Now that is a funny reply!! 


to the OP: Amazon started doing so, voluntarily, a while back and some other online giants have been following suit. I "think" a few states passed some laws, which would not really be enforcable< to do so....but only a couple. For the most part they are just doing so to try and placate locals so they will stop pushing for legal change. The local retailers and calling for a smackdown on onliners since they can't compete against them. 
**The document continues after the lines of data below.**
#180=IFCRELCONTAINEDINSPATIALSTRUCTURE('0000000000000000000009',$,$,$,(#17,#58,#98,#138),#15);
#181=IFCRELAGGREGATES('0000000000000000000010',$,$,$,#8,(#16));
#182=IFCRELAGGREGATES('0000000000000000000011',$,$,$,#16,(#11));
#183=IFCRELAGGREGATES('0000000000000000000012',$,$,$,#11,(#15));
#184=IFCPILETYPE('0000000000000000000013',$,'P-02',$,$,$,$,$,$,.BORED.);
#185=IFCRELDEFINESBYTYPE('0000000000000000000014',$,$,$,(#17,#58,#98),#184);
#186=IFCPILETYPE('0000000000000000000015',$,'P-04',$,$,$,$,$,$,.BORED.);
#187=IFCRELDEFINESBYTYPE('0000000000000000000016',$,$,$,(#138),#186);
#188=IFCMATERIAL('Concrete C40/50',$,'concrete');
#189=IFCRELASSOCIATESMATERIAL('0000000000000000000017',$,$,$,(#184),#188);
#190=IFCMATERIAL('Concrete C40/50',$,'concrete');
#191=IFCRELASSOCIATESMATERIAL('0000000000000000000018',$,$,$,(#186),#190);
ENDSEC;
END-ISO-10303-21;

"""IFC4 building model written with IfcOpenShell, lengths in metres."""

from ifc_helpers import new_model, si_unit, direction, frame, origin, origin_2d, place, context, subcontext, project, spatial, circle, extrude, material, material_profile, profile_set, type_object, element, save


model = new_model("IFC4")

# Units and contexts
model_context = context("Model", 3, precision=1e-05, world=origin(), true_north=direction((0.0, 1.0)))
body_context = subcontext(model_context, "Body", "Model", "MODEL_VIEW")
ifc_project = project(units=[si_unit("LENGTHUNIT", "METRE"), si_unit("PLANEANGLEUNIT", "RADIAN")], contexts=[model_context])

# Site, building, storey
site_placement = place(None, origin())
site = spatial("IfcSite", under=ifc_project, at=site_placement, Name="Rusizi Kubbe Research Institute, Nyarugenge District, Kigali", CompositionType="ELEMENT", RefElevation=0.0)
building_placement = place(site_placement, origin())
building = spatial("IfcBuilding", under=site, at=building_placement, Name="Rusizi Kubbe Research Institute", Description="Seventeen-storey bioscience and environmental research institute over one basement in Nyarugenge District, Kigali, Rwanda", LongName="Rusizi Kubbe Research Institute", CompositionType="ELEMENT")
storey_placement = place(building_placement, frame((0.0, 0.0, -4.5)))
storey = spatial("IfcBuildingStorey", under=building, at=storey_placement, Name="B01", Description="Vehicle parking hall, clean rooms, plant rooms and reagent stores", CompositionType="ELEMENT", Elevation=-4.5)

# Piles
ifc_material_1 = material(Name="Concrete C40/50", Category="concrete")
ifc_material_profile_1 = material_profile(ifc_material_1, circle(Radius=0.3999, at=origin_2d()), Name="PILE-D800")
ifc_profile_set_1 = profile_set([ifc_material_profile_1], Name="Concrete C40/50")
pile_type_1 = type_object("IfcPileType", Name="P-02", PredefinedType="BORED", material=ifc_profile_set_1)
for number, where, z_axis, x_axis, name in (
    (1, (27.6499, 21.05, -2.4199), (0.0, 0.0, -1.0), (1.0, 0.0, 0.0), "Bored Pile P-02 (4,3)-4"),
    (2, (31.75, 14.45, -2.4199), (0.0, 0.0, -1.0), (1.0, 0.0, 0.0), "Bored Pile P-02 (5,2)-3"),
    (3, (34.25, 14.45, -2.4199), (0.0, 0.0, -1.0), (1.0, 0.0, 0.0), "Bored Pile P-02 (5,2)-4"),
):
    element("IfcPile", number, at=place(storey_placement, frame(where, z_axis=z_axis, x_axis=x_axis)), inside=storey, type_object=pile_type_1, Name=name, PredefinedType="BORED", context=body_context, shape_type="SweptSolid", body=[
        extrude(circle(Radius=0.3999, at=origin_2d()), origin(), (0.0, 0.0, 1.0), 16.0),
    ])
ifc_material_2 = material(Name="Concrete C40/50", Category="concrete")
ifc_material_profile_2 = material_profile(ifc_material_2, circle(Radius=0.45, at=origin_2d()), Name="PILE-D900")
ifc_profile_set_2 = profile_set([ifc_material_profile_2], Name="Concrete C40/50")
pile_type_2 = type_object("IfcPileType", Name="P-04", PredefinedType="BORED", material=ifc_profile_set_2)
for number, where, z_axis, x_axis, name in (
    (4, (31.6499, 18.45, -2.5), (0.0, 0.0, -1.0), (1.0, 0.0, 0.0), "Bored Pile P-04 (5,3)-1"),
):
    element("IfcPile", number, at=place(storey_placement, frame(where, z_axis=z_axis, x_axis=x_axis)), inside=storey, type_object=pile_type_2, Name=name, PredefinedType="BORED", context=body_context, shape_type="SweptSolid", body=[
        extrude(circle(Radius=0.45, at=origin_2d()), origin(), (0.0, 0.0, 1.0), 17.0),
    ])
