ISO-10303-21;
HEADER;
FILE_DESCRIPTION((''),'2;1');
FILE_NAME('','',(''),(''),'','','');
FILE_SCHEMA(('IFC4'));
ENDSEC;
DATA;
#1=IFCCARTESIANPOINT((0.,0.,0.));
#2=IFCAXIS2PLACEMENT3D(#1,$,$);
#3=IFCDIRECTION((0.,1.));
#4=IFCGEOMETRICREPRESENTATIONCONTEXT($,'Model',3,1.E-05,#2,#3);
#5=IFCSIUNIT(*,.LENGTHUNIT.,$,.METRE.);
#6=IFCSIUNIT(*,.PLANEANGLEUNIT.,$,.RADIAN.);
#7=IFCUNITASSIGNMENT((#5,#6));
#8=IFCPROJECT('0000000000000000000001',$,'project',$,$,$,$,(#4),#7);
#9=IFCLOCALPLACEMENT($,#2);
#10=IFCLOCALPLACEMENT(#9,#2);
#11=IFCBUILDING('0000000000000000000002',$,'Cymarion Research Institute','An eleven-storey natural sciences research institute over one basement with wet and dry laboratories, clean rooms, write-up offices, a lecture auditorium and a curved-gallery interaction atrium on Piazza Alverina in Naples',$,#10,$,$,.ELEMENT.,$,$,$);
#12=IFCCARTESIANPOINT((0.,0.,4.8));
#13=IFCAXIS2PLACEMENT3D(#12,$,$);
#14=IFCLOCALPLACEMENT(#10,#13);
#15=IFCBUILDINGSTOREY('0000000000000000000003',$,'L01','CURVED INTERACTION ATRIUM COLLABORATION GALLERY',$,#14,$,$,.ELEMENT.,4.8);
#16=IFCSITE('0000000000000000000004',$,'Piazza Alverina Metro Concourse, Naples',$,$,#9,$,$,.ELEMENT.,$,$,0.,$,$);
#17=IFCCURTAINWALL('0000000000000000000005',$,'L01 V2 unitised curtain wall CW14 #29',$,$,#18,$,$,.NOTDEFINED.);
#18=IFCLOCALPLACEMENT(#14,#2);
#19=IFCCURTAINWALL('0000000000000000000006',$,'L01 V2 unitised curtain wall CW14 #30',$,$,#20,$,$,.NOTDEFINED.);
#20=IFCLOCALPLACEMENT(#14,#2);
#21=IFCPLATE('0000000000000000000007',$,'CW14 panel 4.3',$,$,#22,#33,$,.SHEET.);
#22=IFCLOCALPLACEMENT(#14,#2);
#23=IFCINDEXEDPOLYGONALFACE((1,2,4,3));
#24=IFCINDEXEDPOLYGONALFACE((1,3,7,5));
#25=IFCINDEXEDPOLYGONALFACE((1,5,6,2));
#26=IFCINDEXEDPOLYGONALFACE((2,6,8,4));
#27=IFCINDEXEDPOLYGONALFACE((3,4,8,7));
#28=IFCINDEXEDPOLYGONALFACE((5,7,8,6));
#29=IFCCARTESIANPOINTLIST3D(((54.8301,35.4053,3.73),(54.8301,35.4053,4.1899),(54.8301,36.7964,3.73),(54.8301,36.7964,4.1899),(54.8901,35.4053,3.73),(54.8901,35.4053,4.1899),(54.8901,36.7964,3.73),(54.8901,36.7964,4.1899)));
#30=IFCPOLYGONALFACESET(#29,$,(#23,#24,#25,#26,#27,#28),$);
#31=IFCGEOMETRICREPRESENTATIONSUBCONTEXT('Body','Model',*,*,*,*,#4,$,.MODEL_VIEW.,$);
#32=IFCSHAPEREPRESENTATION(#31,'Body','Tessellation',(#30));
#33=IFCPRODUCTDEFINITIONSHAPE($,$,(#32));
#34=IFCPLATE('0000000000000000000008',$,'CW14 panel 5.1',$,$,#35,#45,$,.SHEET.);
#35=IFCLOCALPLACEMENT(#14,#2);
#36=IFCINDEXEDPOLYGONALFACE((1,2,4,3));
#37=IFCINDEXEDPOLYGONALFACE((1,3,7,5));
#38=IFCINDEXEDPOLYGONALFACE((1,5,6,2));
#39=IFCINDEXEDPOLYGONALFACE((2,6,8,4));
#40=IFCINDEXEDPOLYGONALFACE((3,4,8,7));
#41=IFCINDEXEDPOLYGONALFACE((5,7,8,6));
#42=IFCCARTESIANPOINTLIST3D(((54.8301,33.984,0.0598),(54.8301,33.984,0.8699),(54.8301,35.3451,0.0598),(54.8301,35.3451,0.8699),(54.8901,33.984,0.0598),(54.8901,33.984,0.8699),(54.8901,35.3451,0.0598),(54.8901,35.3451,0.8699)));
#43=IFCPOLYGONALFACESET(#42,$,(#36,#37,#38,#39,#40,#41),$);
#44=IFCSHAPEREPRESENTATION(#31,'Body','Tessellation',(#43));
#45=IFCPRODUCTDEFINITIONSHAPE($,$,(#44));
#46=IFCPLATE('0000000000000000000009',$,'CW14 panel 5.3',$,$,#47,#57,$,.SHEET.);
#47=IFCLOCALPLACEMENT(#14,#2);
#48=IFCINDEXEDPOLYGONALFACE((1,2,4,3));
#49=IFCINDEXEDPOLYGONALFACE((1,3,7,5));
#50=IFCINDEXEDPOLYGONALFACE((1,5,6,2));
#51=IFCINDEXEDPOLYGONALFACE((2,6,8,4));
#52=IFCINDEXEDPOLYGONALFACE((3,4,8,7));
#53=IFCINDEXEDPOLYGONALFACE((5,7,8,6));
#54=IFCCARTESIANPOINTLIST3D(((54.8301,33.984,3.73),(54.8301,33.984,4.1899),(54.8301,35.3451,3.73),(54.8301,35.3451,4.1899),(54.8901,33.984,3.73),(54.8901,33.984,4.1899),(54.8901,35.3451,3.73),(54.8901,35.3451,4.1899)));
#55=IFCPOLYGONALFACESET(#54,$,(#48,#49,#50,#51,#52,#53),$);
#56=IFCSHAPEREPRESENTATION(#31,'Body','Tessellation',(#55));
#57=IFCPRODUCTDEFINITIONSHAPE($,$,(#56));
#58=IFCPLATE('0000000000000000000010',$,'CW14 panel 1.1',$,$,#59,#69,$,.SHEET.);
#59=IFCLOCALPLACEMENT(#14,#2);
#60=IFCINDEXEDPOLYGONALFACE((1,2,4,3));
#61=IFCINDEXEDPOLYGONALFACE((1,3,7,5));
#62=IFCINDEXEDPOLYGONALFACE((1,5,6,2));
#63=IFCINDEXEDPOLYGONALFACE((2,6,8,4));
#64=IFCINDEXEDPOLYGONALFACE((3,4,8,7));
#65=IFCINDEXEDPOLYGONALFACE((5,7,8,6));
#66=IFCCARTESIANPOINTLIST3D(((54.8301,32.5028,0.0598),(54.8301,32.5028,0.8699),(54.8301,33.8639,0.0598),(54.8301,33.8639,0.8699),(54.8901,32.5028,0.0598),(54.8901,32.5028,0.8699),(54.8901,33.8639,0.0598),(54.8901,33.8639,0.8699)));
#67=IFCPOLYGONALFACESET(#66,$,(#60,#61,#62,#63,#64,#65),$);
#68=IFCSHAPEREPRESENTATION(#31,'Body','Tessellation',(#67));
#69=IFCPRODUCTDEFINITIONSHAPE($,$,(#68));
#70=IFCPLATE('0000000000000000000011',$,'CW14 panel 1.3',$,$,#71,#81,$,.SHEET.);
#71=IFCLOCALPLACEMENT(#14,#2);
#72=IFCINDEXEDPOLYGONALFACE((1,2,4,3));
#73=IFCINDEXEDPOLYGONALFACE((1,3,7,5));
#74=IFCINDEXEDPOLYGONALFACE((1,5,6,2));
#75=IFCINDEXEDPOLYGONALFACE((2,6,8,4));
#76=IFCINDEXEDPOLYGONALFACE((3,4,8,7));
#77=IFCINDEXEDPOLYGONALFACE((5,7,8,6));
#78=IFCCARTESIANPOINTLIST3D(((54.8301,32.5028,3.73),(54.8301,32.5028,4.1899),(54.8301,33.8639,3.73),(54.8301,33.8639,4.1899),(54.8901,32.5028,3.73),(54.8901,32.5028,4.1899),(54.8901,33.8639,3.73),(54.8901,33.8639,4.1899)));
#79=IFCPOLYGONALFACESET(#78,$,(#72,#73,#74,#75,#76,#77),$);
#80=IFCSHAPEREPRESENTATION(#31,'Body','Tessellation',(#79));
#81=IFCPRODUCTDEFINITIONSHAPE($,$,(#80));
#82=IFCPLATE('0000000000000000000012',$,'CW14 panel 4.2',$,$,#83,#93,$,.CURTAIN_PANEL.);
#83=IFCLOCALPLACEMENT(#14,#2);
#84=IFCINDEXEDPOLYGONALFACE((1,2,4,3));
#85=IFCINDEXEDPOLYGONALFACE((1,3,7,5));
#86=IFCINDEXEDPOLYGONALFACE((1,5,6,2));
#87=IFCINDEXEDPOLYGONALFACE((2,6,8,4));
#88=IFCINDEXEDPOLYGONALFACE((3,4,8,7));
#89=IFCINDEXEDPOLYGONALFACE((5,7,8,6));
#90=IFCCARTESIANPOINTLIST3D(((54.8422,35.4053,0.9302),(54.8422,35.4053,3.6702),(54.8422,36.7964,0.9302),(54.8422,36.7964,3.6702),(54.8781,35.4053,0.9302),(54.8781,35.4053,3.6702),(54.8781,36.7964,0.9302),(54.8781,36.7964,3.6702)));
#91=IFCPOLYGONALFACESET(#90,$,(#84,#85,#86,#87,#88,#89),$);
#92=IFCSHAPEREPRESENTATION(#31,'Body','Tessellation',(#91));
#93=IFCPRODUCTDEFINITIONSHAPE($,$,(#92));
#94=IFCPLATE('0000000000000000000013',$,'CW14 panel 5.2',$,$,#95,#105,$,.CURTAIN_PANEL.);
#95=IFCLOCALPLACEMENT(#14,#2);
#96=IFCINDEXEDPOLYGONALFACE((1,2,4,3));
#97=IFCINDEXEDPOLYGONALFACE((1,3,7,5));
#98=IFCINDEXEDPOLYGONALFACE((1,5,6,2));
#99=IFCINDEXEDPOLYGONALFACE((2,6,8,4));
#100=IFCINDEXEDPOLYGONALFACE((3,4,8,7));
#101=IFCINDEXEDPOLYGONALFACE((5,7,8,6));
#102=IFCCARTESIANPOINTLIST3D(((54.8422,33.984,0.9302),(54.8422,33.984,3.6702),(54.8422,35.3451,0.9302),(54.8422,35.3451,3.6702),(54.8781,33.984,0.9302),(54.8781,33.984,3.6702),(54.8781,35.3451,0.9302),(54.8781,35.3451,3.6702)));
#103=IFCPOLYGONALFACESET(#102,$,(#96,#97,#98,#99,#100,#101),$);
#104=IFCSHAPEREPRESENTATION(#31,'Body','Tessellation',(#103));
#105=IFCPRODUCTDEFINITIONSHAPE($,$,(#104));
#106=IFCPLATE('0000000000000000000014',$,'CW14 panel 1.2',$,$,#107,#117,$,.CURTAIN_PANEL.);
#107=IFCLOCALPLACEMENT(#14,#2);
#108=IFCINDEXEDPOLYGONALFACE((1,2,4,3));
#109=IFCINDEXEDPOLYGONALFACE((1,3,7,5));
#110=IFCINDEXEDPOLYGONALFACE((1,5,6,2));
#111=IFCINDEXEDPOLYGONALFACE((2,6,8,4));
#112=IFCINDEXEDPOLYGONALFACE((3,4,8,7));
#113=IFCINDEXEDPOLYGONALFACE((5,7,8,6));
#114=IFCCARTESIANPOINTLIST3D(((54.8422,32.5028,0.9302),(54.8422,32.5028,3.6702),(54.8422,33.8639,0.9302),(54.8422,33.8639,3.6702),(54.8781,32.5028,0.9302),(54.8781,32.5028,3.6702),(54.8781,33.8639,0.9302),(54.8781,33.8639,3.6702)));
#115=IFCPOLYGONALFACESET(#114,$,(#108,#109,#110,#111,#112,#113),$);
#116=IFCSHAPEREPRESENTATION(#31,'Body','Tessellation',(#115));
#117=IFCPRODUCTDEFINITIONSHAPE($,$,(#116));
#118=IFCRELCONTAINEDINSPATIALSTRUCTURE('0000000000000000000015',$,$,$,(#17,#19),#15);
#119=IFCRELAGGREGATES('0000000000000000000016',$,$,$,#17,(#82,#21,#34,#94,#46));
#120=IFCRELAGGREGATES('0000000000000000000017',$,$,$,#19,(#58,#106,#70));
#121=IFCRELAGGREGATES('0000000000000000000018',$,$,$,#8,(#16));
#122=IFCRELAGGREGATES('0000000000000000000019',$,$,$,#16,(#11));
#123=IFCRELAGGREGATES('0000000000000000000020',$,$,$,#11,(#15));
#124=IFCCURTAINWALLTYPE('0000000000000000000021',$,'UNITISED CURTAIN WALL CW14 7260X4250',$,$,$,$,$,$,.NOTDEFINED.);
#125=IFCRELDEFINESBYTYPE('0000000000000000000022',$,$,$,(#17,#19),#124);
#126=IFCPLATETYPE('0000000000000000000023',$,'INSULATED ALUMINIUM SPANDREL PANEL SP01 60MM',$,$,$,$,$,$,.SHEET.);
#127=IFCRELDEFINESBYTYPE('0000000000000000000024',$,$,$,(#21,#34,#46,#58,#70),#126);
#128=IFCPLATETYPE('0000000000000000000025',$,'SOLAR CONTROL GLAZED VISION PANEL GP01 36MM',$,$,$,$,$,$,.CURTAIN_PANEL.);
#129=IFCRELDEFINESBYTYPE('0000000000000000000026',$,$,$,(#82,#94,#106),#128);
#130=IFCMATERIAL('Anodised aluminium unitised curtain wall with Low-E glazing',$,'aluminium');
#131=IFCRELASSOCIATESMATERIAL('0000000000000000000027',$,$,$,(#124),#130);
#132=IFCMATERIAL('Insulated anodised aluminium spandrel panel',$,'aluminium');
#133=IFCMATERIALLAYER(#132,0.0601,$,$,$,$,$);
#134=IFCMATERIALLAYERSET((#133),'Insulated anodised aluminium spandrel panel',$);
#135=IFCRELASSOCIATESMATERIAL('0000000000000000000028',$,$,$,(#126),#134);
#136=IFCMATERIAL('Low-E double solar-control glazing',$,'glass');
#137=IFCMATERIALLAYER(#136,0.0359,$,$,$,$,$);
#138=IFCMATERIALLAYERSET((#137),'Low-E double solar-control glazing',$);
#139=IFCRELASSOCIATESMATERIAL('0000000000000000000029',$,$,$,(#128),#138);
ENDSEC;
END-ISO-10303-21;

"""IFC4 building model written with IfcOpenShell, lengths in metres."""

from ifc_helpers import new_model, si_unit, direction, frame, origin, origin_2d, place, context, subcontext, project, spatial, rectangle, extrude, material, layer, layer_set, type_object, element, aggregate, save


model = new_model("IFC4")

# Units and contexts
model_context = context("Model", 3, precision=1e-05, world=origin(), true_north=direction((0.0, 1.0)))
body_context = subcontext(model_context, "Body", "Model", "MODEL_VIEW")
ifc_project = project(units=[si_unit("LENGTHUNIT", "METRE"), si_unit("PLANEANGLEUNIT", "RADIAN")], contexts=[model_context])

# Site, building, storey
site_placement = place(None, origin())
site = spatial("IfcSite", under=ifc_project, at=site_placement, Name="Piazza Alverina Metro Concourse, Naples", CompositionType="ELEMENT", RefElevation=0.0)
building_placement = place(site_placement, origin())
building = spatial("IfcBuilding", under=site, at=building_placement, Name="Cymarion Research Institute", Description="An eleven-storey natural sciences research institute over one basement with wet and dry laboratories, clean rooms, write-up offices, a lecture auditorium and a curved-gallery interaction atrium on Piazza Alverina in Naples", CompositionType="ELEMENT")
storey_placement = place(building_placement, frame((0.0, 0.0, 4.8)))
storey = spatial("IfcBuildingStorey", under=building, at=storey_placement, Name="L01", Description="CURVED INTERACTION ATRIUM COLLABORATION GALLERY", CompositionType="ELEMENT", Elevation=4.8)

# Curtain walls
ifc_material_1 = material(Name="Anodised aluminium unitised curtain wall with Low-E glazing", Category="aluminium")
curtain_wall_type = type_object("IfcCurtainWallType", Name="UNITISED CURTAIN WALL CW14 7260X4250", PredefinedType="NOTDEFINED", material=ifc_material_1)
curtain_wall_1_placement = place(storey_placement, origin())
curtain_wall_1 = element("IfcCurtainWall", 1, at=curtain_wall_1_placement, inside=storey, type_object=curtain_wall_type, Name="L01 V2 unitised curtain wall CW14 #29", PredefinedType="NOTDEFINED")
curtain_wall_2_placement = place(storey_placement, origin())
curtain_wall_2 = element("IfcCurtainWall", 2, at=curtain_wall_2_placement, inside=storey, type_object=curtain_wall_type, Name="L01 V2 unitised curtain wall CW14 #30", PredefinedType="NOTDEFINED")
The bill before the US congress is the Marketplace Fairness Act and its sole purpose is to smackdown onliners since they are stealing marketshare from brick and mortars every year. it could come about and would add $$ to all online purchases (US only of course).....so your prediction about online purchases being changed forever.....is a little more where some of them are trying to stave off the big smackdown change that the non onliners are pushing so hard for. were it to pass.....it would be a big change as it is more than just "you have to charge sales tax".


----------



## f00bar (Mar 6, 2014)

Bummer, just saw this at the bottom of their page

Backcountry collects sales tax for certain items purchased at our Utah retail store or shipped to the following states:

Utah Alabama Indiana Massachusetts Maine Colorado Virginia New York Washington Illinois Florida South Dakota California Pennsylvania Tennessee Wyoming


----------



## kriegs13 (Nov 28, 2016)

f00bar said:


> Bummer, just saw this at the bottom of their page
> 
> Backcountry collects sales tax for certain items purchased at our Utah retail store or shipped to the following states:
> 
> Utah Alabama Indiana Massachusetts Maine Colorado Virginia New York Washington Illinois Florida South Dakota California Pennsylvania Tennessee Wyoming



hmm must be a newer thing. im in MA and bought from them last month and no tax. maybe its still only certain items to those states or maybe it is brand new


----------



## phillyphan (Sep 22, 2016)

Yea, it's newer. I got taxed when I bought my new board this year from them.


----------



## mojo maestro (Jan 6, 2009)

It's all part of the plan.......MAGA........


----------



## stickz (Feb 6, 2013)

Have you had those chips before? They are great but good luck getting the to last more than a 30 day season. I'm going to just use the wired chips this year for $30 bucks. And yeah I live in WA been getting taxed from BC for awhile now. Even if you buy on eBay through them fuckers still charge you tax. 

Sent from my Pixel using Tapatalk


----------



## Fielding (Feb 15, 2015)

You always get taxed if the onlineretailer has a business presence in your state and your state has a sales tax.


----------